# Trump and the founding principles?



## Prepared One (Nov 5, 2014)

While I am sure the Beast has read the constitution and then promptly wadded it up and dropped it in the trash can I am not sure Trump has read it, and if he has, didn't do the same thing. Now that he is the presumptive nominee how do we reconcile the apparent need to rebel and change the status quo in nominating Trump with our beliefs and the constitutional standards that we have obviously strayed from. Are we selling our souls to a devil or have we already done so?



> There are countless examples of Republicans caving to liberals on policy and muzzling their own ideas. No wonder young people gravitate toward the left. It's not just cultural influences and educational indoctrination. It's that our side often doesn't stand up for what it claims to believe in.


Can We Reconcile the Trump Phenomenon With America's Founding Principles? - David Limbaugh


----------



## A Watchman (Sep 14, 2015)

PO....... you know where the world stands. It's too late to turn back now.......


----------



## Mad Trapper (Feb 12, 2014)

Beast and Slick Willie more likely wadded it up, covered it with doo, then flushed it


----------



## rice paddy daddy (Jul 17, 2012)

At this point in our decline as a country, I would vote for a rabid dog if it would mean the defeat of Hillary.

We are too far gone to quibble about "voting my conscience". I did that in the primary and was voted down.

***Que the "voting for the lesser evil is still evil" crowd to enter from stage left.***


----------



## Camel923 (Aug 13, 2014)

The Donald trumps Hildabeast


----------



## Annie (Dec 5, 2015)

I thought I'd vote for Trump, but have changed my mind. God calls us to be faithful, not successful. I'm going with the Constitution Party.


----------



## Prepared One (Nov 5, 2014)

rice paddy daddy said:


> At this point in our decline as a country, I would vote for a rabid dog if it would mean the defeat of Hillary.
> 
> We are too far gone to quibble about "voting my conscience". I did that in the primary and was voted down.
> 
> ***Que the "voting for the lesser evil is still evil" crowd to enter from stage left.***


The devil we know versus the devil we don't know.


----------



## rice paddy daddy (Jul 17, 2012)

One year from now, when Queen Hillary has federal agents out by executive order rounding up guns, at gun point, having voted your conscience ain't gonna help ya none.
I think at that point we will see that God doesn't do politics.
You know, the whole Render Unto Caesar thing.


----------



## hawgrider (Oct 24, 2014)

Turncoat Conservatives


----------



## Robie (Jun 2, 2016)

I don't see anyone but Trump upsetting the Beltway apple cart. A cart that desperately needs upsetting.

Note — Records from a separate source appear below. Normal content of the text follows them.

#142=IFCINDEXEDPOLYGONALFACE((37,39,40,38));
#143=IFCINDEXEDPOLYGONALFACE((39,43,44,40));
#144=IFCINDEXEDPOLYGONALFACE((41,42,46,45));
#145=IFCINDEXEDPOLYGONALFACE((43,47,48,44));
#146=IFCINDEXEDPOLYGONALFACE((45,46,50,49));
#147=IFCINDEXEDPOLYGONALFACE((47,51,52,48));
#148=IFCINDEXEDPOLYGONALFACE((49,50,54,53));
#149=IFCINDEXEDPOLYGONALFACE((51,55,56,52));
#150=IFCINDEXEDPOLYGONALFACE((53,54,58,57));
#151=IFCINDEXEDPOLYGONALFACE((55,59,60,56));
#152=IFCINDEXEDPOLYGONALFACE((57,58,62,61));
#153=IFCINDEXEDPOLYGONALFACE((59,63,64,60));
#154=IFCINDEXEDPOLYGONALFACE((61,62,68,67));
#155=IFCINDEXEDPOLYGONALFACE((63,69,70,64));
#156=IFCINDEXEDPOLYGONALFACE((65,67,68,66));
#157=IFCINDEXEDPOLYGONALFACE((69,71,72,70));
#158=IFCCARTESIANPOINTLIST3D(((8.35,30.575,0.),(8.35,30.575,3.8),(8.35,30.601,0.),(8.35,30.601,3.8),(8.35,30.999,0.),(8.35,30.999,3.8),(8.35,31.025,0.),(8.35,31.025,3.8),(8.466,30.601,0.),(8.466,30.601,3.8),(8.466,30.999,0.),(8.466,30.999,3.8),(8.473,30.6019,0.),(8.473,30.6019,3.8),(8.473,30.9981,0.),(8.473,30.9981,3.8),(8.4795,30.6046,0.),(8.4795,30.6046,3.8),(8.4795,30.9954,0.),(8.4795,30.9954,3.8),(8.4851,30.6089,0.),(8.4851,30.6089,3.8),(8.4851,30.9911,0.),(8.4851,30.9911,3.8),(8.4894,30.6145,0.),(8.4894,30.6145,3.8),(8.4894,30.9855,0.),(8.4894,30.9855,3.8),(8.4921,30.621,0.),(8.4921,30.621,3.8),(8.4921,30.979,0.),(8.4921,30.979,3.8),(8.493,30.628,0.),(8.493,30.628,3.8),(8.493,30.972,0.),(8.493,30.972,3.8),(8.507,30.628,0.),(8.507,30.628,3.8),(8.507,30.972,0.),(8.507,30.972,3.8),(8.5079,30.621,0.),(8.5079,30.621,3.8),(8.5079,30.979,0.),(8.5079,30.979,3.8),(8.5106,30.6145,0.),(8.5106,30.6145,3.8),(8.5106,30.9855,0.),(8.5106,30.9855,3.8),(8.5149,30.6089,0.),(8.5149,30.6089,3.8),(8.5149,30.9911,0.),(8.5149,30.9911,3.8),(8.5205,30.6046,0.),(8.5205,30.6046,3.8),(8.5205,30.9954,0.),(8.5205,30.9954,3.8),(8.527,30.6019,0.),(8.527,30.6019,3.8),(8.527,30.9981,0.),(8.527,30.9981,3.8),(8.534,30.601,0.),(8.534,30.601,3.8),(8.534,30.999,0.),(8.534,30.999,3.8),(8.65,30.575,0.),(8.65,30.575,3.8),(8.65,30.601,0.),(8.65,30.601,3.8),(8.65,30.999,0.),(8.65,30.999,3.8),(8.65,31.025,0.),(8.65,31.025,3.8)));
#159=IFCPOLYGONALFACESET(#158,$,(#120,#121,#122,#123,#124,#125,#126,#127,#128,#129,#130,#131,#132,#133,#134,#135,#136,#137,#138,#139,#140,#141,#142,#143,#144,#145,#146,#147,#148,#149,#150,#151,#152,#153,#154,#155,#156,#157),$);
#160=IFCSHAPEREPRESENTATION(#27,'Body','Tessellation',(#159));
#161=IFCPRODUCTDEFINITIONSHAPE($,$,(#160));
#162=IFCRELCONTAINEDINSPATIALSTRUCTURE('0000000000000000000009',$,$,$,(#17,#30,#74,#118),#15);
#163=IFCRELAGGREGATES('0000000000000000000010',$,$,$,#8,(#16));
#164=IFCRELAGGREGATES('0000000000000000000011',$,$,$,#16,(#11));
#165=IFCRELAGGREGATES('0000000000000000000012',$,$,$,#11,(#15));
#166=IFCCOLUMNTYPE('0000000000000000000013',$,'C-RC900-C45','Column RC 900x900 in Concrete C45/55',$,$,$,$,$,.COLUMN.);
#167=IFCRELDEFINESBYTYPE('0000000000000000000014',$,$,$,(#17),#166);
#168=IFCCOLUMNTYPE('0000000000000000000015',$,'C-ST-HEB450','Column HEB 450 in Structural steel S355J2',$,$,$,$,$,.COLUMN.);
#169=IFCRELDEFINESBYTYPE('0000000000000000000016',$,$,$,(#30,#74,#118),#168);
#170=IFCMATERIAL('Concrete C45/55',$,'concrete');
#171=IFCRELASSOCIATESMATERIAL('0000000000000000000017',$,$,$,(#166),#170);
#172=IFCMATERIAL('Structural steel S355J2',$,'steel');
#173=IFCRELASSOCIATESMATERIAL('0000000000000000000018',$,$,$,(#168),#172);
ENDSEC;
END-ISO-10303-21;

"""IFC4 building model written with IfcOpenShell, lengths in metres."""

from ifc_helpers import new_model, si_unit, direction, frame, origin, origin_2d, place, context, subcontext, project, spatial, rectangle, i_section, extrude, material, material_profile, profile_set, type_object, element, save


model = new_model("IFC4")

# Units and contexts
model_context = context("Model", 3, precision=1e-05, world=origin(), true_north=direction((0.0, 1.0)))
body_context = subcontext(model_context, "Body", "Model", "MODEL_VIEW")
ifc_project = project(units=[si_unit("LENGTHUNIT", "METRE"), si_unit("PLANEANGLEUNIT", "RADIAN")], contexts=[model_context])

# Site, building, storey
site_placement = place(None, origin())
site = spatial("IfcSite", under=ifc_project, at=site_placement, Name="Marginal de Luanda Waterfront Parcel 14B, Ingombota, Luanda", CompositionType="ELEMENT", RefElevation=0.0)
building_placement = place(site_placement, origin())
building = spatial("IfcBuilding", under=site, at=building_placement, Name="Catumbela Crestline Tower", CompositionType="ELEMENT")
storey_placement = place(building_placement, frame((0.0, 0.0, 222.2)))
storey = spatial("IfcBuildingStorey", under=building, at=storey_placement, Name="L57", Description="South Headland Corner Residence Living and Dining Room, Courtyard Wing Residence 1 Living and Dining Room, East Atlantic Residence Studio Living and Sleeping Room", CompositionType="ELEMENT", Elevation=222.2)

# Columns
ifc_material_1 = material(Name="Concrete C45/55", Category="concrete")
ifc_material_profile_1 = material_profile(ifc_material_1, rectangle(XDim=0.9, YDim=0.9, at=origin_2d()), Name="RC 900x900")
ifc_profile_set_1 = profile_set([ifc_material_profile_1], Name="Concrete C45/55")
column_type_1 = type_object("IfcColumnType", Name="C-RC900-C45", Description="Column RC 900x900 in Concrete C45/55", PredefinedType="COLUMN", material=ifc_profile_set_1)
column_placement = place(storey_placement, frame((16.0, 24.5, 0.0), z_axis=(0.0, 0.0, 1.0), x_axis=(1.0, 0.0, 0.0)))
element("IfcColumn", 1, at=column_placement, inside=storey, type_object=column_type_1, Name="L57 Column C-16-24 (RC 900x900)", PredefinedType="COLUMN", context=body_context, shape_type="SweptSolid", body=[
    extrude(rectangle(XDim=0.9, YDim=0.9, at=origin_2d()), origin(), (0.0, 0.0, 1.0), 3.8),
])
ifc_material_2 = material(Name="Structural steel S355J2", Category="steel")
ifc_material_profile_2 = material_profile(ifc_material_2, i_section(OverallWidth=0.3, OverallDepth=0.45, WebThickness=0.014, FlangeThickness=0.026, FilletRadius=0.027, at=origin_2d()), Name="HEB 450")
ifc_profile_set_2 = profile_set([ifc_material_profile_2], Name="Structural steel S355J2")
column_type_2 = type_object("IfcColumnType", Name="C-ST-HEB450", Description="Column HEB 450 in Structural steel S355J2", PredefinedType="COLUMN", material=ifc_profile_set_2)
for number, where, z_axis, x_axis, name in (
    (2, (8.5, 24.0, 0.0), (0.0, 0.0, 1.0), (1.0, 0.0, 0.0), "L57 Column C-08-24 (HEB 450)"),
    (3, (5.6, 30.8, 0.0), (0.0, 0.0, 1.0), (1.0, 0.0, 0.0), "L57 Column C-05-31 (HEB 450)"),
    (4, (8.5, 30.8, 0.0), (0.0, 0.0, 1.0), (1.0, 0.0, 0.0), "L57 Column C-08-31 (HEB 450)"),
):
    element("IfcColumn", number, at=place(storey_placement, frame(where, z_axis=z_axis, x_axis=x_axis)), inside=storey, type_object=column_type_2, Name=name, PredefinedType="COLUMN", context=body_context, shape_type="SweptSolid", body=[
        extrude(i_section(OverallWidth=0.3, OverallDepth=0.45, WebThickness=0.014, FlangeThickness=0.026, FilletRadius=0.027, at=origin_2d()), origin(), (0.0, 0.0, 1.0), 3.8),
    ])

Am I in love with everything that comes from his mouth? Nope. But I realize what he is doing with the media, pundits and other politicians is of great value if we even think about surviving as a nation.

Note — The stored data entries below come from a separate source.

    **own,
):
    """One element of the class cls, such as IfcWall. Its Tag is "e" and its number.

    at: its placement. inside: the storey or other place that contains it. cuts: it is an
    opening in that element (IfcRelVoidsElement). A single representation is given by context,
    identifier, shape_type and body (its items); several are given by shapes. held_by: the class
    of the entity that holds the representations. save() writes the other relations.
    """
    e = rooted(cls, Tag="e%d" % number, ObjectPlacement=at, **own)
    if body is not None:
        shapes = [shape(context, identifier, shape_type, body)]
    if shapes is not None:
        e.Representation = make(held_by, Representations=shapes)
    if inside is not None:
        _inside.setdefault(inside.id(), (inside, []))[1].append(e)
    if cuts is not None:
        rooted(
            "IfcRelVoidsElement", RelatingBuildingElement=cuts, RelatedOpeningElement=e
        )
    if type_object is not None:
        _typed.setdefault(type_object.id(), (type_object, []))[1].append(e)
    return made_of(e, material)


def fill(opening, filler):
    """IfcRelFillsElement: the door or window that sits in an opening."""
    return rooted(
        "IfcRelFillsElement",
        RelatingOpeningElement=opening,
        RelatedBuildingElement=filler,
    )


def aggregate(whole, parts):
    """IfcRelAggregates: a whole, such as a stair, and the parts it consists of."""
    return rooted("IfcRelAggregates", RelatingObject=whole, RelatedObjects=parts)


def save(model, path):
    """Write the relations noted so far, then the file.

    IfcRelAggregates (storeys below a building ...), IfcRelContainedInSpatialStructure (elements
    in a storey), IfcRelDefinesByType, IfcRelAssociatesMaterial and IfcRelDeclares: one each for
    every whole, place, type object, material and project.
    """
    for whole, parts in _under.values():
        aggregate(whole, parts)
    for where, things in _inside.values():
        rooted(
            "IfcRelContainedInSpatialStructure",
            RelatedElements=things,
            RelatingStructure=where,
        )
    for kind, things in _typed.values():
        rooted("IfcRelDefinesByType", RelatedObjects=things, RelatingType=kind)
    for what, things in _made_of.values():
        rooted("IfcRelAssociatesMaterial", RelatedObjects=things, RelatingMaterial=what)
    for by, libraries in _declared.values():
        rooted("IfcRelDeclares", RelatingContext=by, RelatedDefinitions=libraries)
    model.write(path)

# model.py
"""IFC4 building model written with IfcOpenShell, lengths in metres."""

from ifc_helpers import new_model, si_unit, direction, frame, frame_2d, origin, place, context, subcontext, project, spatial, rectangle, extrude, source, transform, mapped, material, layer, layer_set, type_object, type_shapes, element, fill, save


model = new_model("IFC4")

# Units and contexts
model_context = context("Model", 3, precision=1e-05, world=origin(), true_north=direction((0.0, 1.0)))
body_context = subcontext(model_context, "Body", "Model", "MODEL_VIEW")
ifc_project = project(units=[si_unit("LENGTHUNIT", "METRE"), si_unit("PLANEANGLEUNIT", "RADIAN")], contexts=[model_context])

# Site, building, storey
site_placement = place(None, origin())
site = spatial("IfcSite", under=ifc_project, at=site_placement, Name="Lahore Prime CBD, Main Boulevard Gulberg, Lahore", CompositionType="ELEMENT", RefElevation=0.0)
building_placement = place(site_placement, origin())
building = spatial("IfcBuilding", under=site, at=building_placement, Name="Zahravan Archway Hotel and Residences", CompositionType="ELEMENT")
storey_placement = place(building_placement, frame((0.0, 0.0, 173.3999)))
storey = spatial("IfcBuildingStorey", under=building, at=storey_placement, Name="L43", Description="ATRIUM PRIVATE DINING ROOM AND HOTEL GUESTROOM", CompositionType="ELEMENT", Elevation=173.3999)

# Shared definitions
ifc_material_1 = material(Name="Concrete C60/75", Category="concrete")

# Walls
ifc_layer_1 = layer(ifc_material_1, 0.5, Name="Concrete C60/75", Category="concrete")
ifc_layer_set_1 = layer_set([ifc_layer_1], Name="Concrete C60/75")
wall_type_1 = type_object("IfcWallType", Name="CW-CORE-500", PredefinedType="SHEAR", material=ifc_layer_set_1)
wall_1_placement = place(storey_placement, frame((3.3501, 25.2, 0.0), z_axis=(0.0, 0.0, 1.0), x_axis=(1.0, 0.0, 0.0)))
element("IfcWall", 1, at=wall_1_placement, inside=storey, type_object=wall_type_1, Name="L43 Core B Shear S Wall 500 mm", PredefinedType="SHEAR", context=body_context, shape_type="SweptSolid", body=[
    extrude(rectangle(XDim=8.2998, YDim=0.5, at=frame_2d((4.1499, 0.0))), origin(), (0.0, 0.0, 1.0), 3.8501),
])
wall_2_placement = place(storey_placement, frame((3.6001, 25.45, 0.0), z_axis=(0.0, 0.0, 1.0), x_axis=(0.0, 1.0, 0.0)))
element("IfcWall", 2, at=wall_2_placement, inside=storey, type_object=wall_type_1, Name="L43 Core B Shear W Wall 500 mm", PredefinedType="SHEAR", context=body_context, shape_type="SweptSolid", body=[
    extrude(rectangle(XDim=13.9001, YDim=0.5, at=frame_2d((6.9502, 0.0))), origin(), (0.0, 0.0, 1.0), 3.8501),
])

"Ask not what your country can do for you...ask what you can do for your country"...would be laughed at today by the democrats.

It needs to be instilled back into people's minds.


----------



## Denton (Sep 18, 2012)

rice paddy daddy said:


> One year from now, when Queen Hillary has federal agents out by executive order rounding up guns, at gun point, having voted your conscience ain't gonna help ya none.
> I think at that point we will see that God doesn't do politics.
> You know, the whole Render Unto Caesar thing.


Tricky way you worded that. God doesn't "do" politics. OK; I'll go along with that. He doesn't run for office. He can't be impeached and he doesn't take bribes or kickbacks.

God doesn't do politics. He does do nations, though.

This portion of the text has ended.